The Duhindu (Wild Goblins) of Kambla
A Miskitu story, translated from Legends and Stories of Nicaragua, and edited by Jack Eidt
Many years ago, before Kambla became a populated town near the Nicaraguan Miskitu capital of Bilwi (Puerto Cabezas) on the Atlantic Coast, people still did not know anything about medicinal plants. There were no healers and sukias (traditional bush doctors) at that time, but many duhindu (duendes in Spanish, or goblins or some call it the ‘dwarf”) lived there. They lived in the bush, away from people’s houses. Only at night they went out making noise and whistling to call people.
When there was enough of a moon, they could be spotted among the trees looking like little men or dwarfs. Once in a while they would grab a horse to ride it. They would not let it rest for a minute and the next day they would find the poor horse ridden to death.
One day a young man disappeared from the community. His mother searched everywhere but could not find him. She lamented, going door-to-door in the village asking everyone if they had seen him, but nobody knew anything about the young man.
After 15 days the young man miraculously appeared again, but had changed a lot. He was thin and pale, he did not want to eat or talk. He was sick, and this resembled what is known today in Miskitu villages as grisi siknis (in the Miskitu or Miskito language, from the English, means “crazy sickness”). It is a contagious, so-called “culture-bound syndrome,” a name foreign academics use to explain phenomena not well understood by Western science. One might consider the plethora of mental illness that exists in the world and what might be the actual contributors that transcend culture. Today grisi siknis generally happens along the Coast of the Miskitus to young women but some men too, including mass outbreaks in Bilwi, Krin Krin, and Bonanza. Individual cases happen all over, however, and are attributed to evil spirits or sorcerers, or maybe duhindu.
Traditional healers or bush doctors did not exist in those times, so they did not know what remedy to give the young man to cure him and restore what they perceived as his stolen soul or spirit. With time they realized that the duhindu had something to do with that matter.

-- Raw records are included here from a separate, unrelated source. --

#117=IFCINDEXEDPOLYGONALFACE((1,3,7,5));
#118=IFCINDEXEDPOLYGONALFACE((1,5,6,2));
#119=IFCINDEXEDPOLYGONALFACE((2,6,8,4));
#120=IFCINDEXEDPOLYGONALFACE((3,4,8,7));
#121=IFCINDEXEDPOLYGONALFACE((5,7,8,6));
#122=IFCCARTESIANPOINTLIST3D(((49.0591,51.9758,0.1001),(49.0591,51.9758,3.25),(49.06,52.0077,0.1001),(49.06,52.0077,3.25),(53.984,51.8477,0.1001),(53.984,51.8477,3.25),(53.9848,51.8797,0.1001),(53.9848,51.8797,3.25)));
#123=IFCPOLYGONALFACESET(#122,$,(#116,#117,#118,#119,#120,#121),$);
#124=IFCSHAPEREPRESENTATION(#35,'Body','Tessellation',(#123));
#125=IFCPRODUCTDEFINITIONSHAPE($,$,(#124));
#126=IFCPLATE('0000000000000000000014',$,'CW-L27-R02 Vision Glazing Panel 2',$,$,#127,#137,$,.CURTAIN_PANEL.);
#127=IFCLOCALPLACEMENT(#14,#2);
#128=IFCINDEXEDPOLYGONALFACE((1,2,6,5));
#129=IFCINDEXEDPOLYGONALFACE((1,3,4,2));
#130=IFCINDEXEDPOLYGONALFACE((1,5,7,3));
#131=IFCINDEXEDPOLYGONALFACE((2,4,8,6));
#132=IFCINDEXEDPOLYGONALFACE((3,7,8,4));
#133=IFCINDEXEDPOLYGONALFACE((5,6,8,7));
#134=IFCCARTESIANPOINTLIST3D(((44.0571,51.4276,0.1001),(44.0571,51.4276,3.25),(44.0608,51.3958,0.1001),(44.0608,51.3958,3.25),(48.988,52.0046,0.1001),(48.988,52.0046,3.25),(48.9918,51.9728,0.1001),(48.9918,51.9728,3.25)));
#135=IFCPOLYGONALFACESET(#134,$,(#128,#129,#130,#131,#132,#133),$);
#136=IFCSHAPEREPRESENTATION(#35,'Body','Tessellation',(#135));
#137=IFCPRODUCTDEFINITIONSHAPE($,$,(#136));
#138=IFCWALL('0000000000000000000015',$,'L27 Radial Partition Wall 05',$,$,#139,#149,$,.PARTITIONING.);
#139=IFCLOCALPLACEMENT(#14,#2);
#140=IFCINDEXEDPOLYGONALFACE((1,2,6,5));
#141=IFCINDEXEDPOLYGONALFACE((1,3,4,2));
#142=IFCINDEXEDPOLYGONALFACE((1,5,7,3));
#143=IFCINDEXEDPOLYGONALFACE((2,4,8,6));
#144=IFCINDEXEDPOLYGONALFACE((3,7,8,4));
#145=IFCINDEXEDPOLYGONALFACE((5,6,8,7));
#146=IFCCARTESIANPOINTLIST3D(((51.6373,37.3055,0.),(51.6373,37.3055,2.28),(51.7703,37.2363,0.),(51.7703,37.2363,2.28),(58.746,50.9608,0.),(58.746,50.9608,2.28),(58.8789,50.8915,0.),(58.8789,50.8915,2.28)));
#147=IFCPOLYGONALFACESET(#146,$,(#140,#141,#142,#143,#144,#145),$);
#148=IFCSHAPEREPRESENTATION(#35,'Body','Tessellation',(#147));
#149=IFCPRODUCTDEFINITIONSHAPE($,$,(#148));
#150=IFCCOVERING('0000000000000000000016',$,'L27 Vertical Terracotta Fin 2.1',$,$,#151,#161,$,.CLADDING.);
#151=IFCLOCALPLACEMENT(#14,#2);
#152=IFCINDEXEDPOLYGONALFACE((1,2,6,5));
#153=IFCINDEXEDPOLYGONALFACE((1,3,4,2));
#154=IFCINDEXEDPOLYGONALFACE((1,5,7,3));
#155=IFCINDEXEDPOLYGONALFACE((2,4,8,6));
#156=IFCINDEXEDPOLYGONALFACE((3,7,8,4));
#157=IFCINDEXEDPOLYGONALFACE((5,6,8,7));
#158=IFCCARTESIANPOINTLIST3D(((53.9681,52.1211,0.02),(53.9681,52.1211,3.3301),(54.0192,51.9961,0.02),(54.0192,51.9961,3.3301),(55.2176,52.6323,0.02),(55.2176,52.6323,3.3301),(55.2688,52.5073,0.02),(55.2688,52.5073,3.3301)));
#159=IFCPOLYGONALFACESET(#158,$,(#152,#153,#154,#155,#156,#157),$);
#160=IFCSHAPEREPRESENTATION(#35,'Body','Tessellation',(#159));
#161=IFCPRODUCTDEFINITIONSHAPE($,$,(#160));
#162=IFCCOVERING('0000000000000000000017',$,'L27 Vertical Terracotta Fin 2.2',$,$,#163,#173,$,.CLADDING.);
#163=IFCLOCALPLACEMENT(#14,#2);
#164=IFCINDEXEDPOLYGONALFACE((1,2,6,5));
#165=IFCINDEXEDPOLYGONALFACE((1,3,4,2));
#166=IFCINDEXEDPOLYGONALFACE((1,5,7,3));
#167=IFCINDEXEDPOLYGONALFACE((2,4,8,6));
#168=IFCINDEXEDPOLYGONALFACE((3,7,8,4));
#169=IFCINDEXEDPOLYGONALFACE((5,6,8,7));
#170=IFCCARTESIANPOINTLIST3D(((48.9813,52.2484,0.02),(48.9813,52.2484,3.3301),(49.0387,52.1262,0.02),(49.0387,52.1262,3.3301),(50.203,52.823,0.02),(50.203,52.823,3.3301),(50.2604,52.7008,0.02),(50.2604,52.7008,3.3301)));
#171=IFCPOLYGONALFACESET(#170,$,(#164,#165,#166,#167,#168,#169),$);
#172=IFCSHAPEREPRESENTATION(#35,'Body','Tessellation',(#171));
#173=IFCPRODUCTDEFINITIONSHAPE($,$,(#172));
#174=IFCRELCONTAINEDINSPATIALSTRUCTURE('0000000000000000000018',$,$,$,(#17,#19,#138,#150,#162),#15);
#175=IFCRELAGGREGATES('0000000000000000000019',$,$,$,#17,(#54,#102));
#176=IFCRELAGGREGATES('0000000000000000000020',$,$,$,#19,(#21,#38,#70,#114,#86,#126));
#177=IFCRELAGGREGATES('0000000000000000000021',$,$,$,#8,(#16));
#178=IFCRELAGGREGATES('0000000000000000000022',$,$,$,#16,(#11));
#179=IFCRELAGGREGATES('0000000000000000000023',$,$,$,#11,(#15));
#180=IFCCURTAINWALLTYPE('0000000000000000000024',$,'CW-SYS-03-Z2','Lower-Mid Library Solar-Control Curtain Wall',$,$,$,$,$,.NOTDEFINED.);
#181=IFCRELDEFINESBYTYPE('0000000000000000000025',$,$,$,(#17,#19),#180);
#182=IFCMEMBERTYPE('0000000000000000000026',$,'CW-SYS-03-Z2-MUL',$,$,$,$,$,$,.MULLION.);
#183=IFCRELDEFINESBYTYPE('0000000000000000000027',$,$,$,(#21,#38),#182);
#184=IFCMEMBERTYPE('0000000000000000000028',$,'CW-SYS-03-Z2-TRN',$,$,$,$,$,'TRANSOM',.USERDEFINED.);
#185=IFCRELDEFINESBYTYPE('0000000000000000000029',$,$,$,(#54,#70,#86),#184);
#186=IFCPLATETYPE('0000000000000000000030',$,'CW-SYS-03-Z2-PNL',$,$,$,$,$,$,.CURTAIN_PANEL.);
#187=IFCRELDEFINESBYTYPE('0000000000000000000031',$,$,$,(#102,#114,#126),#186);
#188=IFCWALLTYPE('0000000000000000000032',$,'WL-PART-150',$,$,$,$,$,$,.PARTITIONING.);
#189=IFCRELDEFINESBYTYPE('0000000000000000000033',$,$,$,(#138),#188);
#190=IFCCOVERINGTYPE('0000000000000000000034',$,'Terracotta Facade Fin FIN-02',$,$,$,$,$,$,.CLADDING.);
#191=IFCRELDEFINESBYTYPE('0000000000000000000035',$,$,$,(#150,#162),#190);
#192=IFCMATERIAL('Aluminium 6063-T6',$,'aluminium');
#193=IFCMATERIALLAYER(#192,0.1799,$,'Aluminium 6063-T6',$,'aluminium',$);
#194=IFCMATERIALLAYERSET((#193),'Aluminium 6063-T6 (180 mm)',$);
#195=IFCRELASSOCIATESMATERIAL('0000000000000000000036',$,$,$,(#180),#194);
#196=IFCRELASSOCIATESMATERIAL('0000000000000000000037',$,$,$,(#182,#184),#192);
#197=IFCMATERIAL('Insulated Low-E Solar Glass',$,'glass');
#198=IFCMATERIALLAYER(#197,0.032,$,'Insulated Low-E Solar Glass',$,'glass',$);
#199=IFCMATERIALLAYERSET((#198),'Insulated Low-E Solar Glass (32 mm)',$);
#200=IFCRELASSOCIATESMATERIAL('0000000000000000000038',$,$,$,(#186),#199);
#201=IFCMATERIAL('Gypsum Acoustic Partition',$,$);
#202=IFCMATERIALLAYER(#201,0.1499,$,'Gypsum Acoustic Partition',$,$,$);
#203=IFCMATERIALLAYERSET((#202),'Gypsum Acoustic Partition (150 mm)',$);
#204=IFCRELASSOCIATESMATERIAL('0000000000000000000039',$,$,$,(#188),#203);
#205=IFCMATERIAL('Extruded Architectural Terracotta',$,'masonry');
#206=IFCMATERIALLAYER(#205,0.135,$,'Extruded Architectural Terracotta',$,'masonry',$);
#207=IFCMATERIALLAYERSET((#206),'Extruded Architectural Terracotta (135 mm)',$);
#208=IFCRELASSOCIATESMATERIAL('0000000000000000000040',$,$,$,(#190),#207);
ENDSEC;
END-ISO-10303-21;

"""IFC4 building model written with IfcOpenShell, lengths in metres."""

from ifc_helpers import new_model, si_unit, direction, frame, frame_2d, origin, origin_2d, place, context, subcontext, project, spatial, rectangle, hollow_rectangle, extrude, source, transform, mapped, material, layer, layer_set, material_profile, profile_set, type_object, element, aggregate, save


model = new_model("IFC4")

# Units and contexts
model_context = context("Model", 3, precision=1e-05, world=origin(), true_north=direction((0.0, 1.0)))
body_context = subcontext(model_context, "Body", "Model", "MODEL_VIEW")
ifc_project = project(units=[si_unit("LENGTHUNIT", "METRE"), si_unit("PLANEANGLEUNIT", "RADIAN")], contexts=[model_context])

A goblin arrived one night, as the young man suffered from headaches and dizziness, and he fell into a trance and was speaking in an unknown language. His eyes turned red and a giant bulge in his abdomen kept churning. He vomited a live spider. Only he could see the spirit and would later recall a small black man, who had only four fingers, riding a red horse, who tried to lure him away from the village. The goblin whistled and called the young man. With the strength his family managed to keep the youth from leaving the house so that the duhindu could not take him back.
STORY: Miskitu Legend: The Mangoes of the Dead
The years passed and the people of the communities learned to use the power of the plants, to heal the sick and to make remedies. One particular bush healer or sukia arrived in Kambla with a counter protocol that came to her in a dream. She brewed a stew of medicinal plants collected locally and other undisclosed items, which the afflicted youth had to wash in, drink, and inhale the fumes of for ten days. He further was ordered to avoid eating certain meats, or exposure to dead people and pregnant women. Thus they managed to liberate the youth from the power of the duhindu.
With the support of the healer and with rituals they cleaned up the whole community of Kambla and spread the concoction in a ring around the community. Afterwards, all the goblins left that place. Nowadays there are almost no goblins in Kambla. Only in a small creek that remains behind the community are sometimes heard whistles of a duhindu still walking around.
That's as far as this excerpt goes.